Furloughed workers who are starting to return to work should be given refreshers on cyber hygiene. These workers may also be expected to work remotely part of the time, having not done so until this point. They should be offered help to adjust in technology terms to ensure they can securely access the network from home. This might mean providing new corporate devices or educating workers on how to safely use personal devices when connecting to the corporate network.

It seems likely that there will be a phased return to office working, with employees spending a reduced percentage of time in corporate buildings. This means there’ll be more workers using mobile devices and travelling with them between work and home, which can increase the risk of lost or stolen devices.

It has also been suggested that businesses may be asked to stagger employee working hours, which will likely extend the core hours of operation and access requirements, and also the length of time that employees will require support over the course of the day. Employee behavior on the network may look very different to what it did pre-pandemic, as they log on at unusual times and try to implement digital alternatives to previously manual processes. This will have implications for automated alerts based on user behavior analytics – what looks like a malicious insider action might just be someone trying to do their role in a different way.

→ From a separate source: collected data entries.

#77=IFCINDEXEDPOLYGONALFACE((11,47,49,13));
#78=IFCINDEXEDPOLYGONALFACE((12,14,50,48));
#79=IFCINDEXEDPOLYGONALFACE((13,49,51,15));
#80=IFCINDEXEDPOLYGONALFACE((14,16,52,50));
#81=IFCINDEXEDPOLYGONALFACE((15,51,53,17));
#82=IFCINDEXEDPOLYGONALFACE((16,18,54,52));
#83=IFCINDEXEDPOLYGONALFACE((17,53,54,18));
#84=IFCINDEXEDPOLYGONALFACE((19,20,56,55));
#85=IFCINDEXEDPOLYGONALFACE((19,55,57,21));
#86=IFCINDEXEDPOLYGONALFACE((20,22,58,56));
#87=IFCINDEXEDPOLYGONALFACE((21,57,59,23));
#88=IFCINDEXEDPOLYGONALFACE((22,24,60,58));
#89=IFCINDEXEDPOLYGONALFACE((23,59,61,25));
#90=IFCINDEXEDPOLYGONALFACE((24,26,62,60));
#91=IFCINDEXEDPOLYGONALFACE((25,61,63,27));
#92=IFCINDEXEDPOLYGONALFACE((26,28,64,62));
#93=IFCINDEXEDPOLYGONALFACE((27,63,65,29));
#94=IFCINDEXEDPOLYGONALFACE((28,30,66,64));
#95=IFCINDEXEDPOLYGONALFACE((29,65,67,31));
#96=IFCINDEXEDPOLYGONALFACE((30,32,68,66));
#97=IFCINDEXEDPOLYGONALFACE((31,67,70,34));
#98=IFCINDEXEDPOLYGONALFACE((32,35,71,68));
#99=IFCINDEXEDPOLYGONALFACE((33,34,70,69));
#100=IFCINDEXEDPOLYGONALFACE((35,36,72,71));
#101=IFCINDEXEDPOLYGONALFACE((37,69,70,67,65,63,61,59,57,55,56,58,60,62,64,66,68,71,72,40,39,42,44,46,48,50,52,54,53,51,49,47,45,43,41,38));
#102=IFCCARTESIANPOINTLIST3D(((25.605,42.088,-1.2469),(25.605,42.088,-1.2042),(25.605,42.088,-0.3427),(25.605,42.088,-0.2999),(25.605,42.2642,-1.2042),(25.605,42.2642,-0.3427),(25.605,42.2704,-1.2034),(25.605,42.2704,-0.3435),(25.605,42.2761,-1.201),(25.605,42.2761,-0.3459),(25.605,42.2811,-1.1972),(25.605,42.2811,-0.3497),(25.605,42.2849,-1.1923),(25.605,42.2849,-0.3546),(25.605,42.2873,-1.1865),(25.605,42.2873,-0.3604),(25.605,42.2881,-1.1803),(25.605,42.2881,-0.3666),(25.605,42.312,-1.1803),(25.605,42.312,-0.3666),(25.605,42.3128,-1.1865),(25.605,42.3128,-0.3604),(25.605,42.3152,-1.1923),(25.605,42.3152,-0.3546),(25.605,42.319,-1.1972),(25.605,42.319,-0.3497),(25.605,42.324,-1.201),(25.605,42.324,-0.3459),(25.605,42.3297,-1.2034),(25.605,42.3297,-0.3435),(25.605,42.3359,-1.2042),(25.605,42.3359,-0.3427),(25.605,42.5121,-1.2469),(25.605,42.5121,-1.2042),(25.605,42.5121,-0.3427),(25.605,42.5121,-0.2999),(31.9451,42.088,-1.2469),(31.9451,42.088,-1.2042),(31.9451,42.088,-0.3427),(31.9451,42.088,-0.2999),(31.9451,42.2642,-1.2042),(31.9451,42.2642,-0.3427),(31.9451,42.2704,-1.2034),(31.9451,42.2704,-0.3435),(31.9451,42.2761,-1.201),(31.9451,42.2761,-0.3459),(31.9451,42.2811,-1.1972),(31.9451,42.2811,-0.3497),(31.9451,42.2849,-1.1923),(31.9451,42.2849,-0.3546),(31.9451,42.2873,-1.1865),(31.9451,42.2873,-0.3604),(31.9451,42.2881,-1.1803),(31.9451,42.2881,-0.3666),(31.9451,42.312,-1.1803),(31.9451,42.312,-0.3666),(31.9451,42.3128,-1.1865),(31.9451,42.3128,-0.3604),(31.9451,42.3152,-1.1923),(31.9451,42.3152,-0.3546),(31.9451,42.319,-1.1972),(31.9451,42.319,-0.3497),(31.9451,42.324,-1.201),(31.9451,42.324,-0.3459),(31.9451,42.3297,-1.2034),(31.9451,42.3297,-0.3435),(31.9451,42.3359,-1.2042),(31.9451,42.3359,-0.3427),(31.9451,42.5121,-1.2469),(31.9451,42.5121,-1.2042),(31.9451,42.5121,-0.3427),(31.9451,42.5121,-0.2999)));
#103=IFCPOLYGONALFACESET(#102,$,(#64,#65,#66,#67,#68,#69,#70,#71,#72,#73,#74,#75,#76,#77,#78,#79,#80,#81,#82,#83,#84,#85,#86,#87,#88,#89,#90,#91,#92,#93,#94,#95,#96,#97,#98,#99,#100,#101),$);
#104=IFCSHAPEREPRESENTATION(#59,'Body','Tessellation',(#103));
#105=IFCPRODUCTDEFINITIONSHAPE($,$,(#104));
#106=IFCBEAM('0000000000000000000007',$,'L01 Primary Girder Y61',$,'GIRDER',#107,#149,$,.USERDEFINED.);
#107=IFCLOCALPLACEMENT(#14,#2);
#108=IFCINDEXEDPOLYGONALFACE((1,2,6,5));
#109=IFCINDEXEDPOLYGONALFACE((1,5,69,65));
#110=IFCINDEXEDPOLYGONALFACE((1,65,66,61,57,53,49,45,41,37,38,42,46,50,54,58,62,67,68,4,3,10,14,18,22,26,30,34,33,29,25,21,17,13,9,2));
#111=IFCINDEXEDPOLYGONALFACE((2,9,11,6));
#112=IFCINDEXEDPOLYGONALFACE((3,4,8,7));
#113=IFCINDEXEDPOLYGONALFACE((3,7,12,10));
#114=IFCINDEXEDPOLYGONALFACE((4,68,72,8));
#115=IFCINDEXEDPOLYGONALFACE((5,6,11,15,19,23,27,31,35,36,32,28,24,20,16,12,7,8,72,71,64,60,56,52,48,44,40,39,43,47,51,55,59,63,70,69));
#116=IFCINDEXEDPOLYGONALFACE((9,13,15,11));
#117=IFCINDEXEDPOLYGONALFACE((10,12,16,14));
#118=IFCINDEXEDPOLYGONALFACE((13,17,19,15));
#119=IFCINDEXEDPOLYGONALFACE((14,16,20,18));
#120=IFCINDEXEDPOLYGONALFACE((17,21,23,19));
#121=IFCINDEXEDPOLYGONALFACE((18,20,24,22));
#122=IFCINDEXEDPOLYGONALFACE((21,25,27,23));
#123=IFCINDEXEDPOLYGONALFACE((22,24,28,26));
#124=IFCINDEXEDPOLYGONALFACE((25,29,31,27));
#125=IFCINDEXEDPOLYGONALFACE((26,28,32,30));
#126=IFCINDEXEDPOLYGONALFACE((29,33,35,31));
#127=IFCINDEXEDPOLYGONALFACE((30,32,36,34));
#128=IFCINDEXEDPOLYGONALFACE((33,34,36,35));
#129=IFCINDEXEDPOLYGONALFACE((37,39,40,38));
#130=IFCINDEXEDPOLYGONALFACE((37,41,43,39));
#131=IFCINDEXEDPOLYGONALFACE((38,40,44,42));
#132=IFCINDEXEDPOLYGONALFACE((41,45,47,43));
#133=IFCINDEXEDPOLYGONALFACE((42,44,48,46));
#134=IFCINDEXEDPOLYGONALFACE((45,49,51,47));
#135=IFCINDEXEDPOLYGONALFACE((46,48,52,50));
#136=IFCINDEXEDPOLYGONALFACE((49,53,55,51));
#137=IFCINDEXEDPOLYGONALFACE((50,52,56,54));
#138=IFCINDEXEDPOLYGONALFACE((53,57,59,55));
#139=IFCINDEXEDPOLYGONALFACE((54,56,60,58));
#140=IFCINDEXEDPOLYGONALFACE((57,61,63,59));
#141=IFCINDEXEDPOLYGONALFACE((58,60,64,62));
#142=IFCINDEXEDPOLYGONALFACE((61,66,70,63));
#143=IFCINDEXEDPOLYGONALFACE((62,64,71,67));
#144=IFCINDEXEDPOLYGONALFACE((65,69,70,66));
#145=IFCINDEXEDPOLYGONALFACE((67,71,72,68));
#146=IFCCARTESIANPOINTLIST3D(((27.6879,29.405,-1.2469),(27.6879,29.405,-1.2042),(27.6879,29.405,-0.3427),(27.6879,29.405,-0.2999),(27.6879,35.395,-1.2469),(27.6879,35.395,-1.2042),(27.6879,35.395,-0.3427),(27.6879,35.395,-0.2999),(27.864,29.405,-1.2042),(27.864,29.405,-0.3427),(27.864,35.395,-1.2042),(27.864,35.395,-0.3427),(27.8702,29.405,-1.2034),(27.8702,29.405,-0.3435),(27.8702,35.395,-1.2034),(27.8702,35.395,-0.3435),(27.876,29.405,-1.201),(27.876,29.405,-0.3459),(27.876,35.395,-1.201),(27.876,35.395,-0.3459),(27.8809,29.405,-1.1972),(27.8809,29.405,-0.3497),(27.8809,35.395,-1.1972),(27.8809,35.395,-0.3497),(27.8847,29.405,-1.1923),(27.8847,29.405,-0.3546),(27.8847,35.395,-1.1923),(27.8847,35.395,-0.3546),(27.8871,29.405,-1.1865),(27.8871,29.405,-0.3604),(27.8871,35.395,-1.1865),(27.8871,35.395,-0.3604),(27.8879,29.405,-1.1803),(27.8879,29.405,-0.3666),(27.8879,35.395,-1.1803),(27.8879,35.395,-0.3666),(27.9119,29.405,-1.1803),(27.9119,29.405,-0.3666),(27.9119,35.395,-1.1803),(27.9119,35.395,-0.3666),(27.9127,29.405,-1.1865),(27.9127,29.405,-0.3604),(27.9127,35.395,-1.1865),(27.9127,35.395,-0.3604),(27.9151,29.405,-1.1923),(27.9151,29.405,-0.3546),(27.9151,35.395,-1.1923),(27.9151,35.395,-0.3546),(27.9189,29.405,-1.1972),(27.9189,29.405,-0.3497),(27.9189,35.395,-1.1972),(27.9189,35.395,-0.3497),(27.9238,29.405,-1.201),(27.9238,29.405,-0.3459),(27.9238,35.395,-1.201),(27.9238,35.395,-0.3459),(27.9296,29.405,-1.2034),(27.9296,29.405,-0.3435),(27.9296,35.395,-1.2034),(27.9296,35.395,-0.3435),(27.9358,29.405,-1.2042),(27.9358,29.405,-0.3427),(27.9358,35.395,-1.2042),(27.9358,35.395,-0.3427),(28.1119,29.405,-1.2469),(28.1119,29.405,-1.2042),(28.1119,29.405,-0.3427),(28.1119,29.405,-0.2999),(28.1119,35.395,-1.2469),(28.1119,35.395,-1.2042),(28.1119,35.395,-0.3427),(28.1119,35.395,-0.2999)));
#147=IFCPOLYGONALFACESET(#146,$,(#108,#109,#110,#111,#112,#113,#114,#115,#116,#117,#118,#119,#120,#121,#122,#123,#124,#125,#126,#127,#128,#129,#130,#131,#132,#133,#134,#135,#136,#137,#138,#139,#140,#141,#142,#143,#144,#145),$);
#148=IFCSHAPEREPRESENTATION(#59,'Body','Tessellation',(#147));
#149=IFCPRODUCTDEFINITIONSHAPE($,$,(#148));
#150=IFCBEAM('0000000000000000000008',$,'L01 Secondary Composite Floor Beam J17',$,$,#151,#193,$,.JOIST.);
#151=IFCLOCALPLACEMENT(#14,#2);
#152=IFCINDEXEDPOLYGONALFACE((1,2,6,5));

Looking further out, it seems likely that hybrid working will become a permanent fixture. Organizations need to start reframing policies and procedures to reflect this reality, rather than “making do and mending” in the hope that things will go back to normal. This will hit multiple areas, including cyber-onboarding for new recruits, decisions on device use – personal or corporate? – and ongoing education for employees on protecting their personal networks. The sooner organizations start pivoting permanently to the new normal, the better placed they will be to emerge strongly, and safely, during the recovery phase.